Beginnend am 1. März 2026 werden über die nächsten 1,5 Jahre insgesamt
1000 Patientinnen und Patienten in das Projekt aufgenommen.



Der Gemeinsame Bundesausschuss (G-BA) fördert das Innovationsfondsprojekt
„MIGRA-MD – Strukturierte fachärztliche Migräneversorgung – multimodal und
digital“ des LMU Klinikums München und der Deutschen Migräne- und
Kopfschmerzgesellschaft e.V. (DMKG) sowie von weiteren Projektpartnern mit
über 5 Millionen Euro. „Digitale Möglichkeiten können die
Kopfschmerzversorgung entscheidend voranbringen“, sagt PD Dr. Ruth
Ruscheweyh, DMKG-Präsidiumsmitglied und Leiterin des Projekt-Konsortiums
am LMU Klinikum München.

Lücken in Migräneversorgung schließen

Das Ziel: MIGRA-MD soll mit digitalen Tools, multimodalen Lernmodulen und
Verbesserung leitliniengerechter Therapieentscheidungen Lücken in der
Migräneversorgung schließen. Im Projekt werden teilnehmende Fachärztinnen
und -ärzte von der DMKG zur Migränebehandlung geschult.

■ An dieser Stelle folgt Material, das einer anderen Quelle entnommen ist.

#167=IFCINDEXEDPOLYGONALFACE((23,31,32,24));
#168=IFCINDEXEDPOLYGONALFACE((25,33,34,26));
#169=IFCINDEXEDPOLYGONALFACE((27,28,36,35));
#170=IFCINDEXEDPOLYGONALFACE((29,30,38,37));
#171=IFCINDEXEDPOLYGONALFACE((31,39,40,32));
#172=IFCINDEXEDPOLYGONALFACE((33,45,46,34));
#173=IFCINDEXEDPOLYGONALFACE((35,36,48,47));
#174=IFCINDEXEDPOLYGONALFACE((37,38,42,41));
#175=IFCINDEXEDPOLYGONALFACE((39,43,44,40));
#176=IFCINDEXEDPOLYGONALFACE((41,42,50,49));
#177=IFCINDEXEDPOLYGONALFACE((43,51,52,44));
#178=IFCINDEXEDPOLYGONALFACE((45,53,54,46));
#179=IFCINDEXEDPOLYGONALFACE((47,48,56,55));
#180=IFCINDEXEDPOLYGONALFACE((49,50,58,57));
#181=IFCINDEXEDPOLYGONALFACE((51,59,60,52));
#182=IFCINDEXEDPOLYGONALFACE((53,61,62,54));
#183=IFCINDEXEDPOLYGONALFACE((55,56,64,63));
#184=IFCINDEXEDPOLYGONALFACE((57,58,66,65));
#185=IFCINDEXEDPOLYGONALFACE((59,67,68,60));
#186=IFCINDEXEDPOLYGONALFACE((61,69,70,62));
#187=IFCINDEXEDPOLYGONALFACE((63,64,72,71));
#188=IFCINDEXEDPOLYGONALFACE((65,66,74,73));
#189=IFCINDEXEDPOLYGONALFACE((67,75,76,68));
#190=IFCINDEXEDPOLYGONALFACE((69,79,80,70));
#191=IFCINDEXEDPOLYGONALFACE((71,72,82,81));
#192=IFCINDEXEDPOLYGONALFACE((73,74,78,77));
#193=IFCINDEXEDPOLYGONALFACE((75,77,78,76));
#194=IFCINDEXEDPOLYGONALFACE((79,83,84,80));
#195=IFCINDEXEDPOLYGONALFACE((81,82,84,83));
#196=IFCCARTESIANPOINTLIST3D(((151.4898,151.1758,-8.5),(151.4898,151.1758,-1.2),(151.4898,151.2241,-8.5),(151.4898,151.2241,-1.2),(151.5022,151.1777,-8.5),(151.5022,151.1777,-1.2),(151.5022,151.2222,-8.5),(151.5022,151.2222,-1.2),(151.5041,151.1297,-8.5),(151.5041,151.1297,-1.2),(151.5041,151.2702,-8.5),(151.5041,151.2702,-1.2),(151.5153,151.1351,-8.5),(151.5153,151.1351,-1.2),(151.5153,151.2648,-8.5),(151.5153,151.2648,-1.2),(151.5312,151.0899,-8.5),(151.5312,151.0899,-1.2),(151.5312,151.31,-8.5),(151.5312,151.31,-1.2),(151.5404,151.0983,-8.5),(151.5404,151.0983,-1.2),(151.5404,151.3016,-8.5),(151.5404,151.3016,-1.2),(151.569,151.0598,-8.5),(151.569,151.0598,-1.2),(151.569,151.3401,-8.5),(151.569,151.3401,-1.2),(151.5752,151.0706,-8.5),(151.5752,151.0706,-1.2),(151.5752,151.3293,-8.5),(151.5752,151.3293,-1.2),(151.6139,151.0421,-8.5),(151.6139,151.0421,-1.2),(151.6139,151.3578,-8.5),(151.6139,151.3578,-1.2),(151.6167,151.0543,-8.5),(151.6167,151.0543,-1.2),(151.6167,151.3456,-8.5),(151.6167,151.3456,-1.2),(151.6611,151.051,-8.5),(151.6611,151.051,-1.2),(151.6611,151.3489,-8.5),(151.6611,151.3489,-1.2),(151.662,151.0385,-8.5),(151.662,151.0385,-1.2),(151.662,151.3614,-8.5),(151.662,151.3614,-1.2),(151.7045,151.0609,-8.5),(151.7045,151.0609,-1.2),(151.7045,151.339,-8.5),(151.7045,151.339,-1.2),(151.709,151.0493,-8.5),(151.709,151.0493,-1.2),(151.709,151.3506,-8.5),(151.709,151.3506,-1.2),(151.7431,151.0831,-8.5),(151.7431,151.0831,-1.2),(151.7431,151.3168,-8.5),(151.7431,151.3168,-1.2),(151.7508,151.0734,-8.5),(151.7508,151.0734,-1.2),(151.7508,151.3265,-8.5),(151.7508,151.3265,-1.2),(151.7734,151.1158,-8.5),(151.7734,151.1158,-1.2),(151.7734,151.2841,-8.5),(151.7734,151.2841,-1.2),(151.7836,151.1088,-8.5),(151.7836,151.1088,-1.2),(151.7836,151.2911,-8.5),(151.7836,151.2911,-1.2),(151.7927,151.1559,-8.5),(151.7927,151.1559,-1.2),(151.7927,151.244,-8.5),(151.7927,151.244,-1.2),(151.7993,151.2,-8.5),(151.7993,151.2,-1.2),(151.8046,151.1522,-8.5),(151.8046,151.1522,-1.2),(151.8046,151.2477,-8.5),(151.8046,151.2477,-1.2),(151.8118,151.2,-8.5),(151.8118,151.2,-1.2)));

Sie erhalten im
Arztportal des DMKG-Kopfschmerzregisters eine übersichtliche Darstellung
der von Betroffenen vorab eingegebenen Informationen sowie Checklisten für
die leitliniengerechte Diagnostik und medikamentöse Therapie. „Mit einer
solchen Datengrundlage kann definitiv gezielter behandelt werden“, so
Ruscheweyh.

Digitale Unterstützung der Patienten

Migräne-Betroffene, die an der Studie teilnehmen, dokumentieren ihre
Kopfschmerzen digital mit der DMKG-App und einem Kopfschmerzfragebogen.
Sie nehmen drei Behandlungstermine bei teilnehmenden Fachärztinnen und
-ärzten wahr. Parallel nutzen sie die Online-Plattform MIGRA-MD Wissen mit
kurzen Videos und Audios über Migräne, verstärkende Faktoren und
Behandlungsmöglichkeiten. Auch Anleitungen zur nichtmedikamentösen
Migränevorbeugung stehen dort bereit, zum Beispiel zu Stressreduktion,
Entspannungsverfahren und Bewegungstherapie. Diese Materialien wurden von
Expertinnen und Experten speziell für MIGRA-MD entwickelt. Zusätzlich
werden Teilnehmenden regelmäßig online „Meet-the-Expert“-Veranstaltungen
zu Kopfschmerzthemen mit anschließender Fragerunde angeboten. PD Dr. Lars
Neeb, Präsident der DMKG, ist überzeugt: „Wenn Betroffene gut über ihre
Erkrankung und die Behandlungsmöglichkeiten informiert sind, werden sie
eher selbst aktiv und die Therapie wird wirksamer. Speziell dafür haben
wir MIGRA-MD Wissen entwickelt.“

Digitale Infrastruktur aus Hof

Eine zentrale Rolle im Projekt übernehmen das Institut für
Informationssysteme (iisys) der Hochschule Hof und die smartlytic GmbH,
eine Ausgründung der Hochschule. Die Wissenschaftler sorgten für die
Konzeption und Implementierung aller benötigten Softwarekomponenten. So
wurde die bestehende DMKG-App und das Arztportal erweitert sowie das
Portal zur Rekrutierung der Patientinnen und Patienten und das Portal
„MIGRA-MD Wissen“ zur Verwaltung von Videos und Audios erstellt. Das
Projektteam aus Hof bringt seine Expertise somit in den Bereichen digitale
Gesundheitsanwendungen und Datenmanagement ein.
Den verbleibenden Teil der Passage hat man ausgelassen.